Tax rates, drawing from company funds and your child’s private education.

Many business owners who choose to invest in their children’s future by sending them to private school find that drawing money from the company to pay the fees brings an associated higher rate tax liability. 

According to the Independent Schools Council non-boarding fees currently average £3,655, or £3,736 if you exclude nursery pupils, per term which could mean that a family looking for an extra £13,000 to pay the annual school fees has to draw a dividend of about £17,000 from the family business to be left with the required £13,000 after tax.

At Campbell Dallas, we can assist parents in this situation through our separate tax consultancy team which is dedicated to developing strategies to assist clients to reduce their tax liability.  Other tax planning schemes do exist but, while tax efficient, they can tend to rely on the investment of a significant amount of capital to produce an income.  

We have established a strategy for tax planning for school fees which at the moment is primarily for higher rate tax payers who own their own businesses and since its introduction a year ago we have saved clients tens of thousands of pounds.

Under our model a Trust is set up, by a grandparent, aunt, uncle or other relative, with flexible provisions for the benefit of the children, including those as yet unborn.  An income source is settled on the Trust by the relative which goes to meet the educational costs of the beneficiaries.

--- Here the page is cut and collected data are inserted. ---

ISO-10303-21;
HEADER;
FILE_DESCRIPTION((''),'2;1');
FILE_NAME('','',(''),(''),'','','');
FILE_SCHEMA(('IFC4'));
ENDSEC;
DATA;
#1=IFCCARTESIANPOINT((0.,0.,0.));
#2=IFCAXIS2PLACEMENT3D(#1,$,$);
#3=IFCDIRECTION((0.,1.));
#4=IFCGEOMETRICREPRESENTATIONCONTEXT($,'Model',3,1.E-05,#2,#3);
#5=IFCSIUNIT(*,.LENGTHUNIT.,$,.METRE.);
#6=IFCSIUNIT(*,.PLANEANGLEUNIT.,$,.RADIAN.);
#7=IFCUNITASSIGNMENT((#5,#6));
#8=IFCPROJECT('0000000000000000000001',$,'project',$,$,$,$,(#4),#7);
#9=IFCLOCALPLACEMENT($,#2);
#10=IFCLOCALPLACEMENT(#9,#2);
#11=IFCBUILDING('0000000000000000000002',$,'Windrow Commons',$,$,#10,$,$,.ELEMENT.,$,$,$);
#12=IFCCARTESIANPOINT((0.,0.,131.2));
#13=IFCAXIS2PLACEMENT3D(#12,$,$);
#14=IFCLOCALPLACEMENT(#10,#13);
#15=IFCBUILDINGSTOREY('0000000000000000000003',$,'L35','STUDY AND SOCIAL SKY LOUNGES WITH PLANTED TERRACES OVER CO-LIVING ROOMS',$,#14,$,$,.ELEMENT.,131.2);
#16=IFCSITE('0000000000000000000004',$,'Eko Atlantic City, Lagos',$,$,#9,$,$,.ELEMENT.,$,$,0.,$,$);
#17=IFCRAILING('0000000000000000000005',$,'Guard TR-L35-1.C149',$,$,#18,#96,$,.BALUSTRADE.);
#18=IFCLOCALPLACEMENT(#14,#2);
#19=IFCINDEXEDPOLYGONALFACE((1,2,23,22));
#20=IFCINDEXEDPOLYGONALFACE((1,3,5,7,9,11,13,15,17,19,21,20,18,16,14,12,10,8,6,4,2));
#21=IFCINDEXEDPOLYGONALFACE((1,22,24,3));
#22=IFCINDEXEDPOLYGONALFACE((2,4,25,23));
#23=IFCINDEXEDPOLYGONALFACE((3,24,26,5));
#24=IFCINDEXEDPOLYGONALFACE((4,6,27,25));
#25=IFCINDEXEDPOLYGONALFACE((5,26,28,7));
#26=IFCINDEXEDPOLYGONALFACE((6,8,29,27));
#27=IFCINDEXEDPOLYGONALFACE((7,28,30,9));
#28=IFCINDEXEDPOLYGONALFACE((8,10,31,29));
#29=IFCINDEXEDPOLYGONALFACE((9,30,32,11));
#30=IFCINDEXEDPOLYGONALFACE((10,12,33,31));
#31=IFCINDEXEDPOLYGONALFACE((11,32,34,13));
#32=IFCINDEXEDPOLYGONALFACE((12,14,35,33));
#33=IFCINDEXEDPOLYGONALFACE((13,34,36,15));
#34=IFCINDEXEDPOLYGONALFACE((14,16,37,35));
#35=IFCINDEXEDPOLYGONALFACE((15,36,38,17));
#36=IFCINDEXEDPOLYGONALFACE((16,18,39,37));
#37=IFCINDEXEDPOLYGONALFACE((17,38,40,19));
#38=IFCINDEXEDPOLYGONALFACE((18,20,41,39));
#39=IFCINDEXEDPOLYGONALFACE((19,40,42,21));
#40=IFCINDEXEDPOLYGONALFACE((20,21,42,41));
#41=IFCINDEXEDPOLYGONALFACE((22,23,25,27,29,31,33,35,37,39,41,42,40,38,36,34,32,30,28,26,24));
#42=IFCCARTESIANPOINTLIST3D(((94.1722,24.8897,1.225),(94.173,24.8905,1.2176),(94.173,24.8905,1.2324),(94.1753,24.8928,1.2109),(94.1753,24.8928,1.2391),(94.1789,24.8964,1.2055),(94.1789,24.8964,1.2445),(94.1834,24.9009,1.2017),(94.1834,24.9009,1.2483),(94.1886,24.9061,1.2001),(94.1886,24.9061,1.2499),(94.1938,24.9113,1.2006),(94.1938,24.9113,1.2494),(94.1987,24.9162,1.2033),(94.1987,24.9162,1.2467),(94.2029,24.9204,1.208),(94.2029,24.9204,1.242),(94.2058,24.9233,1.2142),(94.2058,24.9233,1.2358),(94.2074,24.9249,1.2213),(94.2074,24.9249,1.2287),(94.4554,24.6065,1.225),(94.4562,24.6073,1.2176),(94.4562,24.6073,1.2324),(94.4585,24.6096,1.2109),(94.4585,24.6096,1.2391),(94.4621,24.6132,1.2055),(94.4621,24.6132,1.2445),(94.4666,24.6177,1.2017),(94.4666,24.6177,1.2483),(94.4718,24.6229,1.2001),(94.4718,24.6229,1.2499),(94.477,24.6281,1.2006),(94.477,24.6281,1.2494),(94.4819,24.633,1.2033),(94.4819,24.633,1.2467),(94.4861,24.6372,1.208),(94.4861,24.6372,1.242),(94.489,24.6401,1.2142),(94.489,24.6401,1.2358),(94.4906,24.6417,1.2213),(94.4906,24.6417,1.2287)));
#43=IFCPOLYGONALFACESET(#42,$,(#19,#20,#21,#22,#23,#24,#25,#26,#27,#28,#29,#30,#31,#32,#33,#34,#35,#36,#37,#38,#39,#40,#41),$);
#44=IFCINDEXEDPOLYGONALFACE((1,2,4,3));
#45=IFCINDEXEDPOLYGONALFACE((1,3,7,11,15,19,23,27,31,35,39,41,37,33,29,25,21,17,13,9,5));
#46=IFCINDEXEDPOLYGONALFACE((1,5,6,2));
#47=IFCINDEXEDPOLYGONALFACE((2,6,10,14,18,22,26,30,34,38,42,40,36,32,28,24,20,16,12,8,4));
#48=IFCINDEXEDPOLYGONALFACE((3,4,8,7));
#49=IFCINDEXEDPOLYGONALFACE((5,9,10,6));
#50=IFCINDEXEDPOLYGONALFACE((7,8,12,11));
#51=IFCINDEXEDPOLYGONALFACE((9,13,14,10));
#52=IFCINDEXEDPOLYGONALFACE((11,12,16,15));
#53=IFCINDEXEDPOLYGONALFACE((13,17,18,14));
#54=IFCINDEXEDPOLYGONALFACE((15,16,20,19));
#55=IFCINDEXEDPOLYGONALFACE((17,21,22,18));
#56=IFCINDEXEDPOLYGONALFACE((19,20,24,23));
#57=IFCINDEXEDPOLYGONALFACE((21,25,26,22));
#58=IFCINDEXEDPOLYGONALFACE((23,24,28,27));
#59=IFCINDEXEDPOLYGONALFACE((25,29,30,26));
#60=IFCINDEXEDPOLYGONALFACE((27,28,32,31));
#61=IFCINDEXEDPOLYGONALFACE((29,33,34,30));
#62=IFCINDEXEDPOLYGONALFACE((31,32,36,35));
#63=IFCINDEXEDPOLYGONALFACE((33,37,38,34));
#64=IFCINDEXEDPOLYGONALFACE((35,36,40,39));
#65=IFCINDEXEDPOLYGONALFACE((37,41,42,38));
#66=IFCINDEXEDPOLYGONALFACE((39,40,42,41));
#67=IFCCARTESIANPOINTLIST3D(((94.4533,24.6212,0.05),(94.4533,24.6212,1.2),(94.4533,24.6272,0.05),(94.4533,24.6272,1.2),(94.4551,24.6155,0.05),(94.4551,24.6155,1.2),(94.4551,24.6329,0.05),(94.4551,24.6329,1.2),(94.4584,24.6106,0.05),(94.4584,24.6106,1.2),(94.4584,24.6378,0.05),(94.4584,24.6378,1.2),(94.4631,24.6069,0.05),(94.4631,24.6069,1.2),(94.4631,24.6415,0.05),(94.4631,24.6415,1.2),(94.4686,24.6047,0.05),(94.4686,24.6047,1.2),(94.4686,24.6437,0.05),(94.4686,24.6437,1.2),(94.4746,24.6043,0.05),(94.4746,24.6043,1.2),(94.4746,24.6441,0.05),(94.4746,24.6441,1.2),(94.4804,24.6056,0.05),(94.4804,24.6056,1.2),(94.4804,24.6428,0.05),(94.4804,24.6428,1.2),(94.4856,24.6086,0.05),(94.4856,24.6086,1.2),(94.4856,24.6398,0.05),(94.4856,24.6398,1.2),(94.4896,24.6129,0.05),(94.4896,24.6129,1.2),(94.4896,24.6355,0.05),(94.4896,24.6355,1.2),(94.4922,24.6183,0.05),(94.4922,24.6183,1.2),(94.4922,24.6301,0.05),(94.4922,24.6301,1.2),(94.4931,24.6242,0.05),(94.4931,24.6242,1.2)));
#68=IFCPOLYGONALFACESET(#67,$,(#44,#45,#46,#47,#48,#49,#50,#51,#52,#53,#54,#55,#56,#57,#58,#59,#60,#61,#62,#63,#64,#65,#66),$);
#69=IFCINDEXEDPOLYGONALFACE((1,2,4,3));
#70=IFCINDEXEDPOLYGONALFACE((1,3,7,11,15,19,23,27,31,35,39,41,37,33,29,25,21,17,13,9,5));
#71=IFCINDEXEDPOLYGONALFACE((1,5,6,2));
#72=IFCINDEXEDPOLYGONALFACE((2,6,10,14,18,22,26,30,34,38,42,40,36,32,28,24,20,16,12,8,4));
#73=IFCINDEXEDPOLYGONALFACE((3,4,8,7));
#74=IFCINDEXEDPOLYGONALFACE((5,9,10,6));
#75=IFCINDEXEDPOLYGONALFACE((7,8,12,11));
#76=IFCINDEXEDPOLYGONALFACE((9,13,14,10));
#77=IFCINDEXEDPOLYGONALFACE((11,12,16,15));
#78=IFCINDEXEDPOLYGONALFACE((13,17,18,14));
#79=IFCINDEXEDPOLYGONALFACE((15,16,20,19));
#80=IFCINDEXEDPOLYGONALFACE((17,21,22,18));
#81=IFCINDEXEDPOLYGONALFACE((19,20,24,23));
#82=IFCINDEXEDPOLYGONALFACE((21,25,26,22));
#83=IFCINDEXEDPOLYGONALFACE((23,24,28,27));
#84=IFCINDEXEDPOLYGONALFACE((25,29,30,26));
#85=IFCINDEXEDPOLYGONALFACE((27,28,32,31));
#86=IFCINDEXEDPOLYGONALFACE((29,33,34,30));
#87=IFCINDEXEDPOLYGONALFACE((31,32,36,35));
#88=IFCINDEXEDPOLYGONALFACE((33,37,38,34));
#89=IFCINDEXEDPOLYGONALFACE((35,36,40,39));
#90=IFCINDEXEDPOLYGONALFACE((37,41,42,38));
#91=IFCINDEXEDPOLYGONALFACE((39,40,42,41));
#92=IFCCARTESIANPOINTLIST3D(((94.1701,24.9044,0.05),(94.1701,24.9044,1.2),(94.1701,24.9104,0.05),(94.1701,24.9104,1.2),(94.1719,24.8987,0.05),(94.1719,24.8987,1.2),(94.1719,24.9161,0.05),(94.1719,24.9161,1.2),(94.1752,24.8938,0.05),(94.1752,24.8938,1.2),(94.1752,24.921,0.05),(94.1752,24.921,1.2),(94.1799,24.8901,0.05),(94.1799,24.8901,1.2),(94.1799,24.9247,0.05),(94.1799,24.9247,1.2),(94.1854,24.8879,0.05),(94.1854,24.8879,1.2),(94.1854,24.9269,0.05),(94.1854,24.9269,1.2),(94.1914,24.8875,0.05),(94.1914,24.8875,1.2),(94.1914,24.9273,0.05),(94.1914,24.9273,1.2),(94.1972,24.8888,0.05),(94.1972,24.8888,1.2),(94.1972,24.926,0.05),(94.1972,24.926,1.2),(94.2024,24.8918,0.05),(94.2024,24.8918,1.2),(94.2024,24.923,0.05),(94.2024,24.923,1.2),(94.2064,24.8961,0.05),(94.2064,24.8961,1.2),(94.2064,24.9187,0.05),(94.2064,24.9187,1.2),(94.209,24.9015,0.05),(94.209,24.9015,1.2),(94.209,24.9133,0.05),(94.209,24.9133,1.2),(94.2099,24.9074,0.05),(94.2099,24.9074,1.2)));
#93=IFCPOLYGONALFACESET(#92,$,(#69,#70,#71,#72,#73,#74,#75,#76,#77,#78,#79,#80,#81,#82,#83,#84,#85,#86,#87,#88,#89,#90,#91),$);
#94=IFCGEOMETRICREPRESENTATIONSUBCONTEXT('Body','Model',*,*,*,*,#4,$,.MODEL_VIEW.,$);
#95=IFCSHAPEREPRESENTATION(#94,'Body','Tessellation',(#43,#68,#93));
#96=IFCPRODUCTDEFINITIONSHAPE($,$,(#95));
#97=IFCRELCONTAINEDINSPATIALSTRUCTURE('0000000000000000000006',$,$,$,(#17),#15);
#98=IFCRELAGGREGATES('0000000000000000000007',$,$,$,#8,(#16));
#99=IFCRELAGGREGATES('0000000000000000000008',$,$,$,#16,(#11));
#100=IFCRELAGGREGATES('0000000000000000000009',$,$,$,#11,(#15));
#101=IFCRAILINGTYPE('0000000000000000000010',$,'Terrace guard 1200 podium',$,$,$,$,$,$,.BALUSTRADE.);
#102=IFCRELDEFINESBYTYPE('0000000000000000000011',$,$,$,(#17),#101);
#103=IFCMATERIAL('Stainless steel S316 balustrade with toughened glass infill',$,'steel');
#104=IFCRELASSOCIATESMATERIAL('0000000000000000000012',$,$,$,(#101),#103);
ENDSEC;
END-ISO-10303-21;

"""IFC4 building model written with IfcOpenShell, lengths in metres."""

from ifc_helpers import new_model, si_unit, direction, frame, origin, origin_2d, place, context, subcontext, project, spatial, circle, extrude, material, type_object, element, save


model = new_model("IFC4")

# Units and contexts
model_context = context("Model", 3, precision=1e-05, world=origin(), true_north=direction((0.0, 1.0)))
body_context = subcontext(model_context, "Body", "Model", "MODEL_VIEW")
ifc_project = project(units=[si_unit("LENGTHUNIT", "METRE"), si_unit("PLANEANGLEUNIT", "RADIAN")], contexts=[model_context])

# Site, building, storey
site_placement = place(None, origin())
site = spatial("IfcSite", under=ifc_project, at=site_placement, Name="Eko Atlantic City, Lagos", CompositionType="ELEMENT", RefElevation=0.0)
building_placement = place(site_placement, origin())
building = spatial("IfcBuilding", under=site, at=building_placement, Name="Windrow Commons", CompositionType="ELEMENT")
storey_placement = place(building_placement, frame((0.0, 0.0, 131.2)))
storey = spatial("IfcBuildingStorey", under=building, at=storey_placement, Name="L35", Description="STUDY AND SOCIAL SKY LOUNGES WITH PLANTED TERRACES OVER CO-LIVING ROOMS", CompositionType="ELEMENT", Elevation=131.2)

# Railing
ifc_material_1 = material(Name="Stainless steel S316 balustrade with toughened glass infill", Category="steel")
railing_type = type_object("IfcRailingType", Name="Terrace guard 1200 podium", PredefinedType="BALUSTRADE", material=ifc_material_1)
railing_1_placement = place(storey_placement, frame((94.4731, 24.6242, 0.05)))
element("IfcRailing", 1, at=railing_1_placement, inside=storey, type_object=railing_type, Name="Guard TR-L35-1.C149", PredefinedType="BALUSTRADE", context=body_context, shape_type="SweptSolid", body=[
    extrude(circle(Radius=0.025, at=origin_2d()), frame((0.0, 0.0, 1.175), z_axis=(-0.707107, 0.707107, 0.0), x_axis=(-0.707107, -0.707107, 0.0)), (0.0, 0.0, 1.0), 0.4005),
    extrude(circle(Radius=0.02, at=origin_2d()), origin(), (0.0, 0.0, 1.0), 1.15),
    extrude(circle(Radius=0.02, at=origin_2d()), frame((-0.2832, 0.2832, 0.0)), (0.0, 0.0, 1.0), 1.15),
])

save(model, "model.ifc")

The Trustees are given the responsibility of ensuring the funds in the Trust are applied for the benefit of the children so if that means providing the deposit for a flat in the future, then that would be another acceptable use of the income.  The Trust, and its establishment, is designed to fall outwith HMRC’s settlement provisions which, if invoked, can result in parents being back in the situation of being liable to pay higher rates of income tax on income drawn to fund school fees.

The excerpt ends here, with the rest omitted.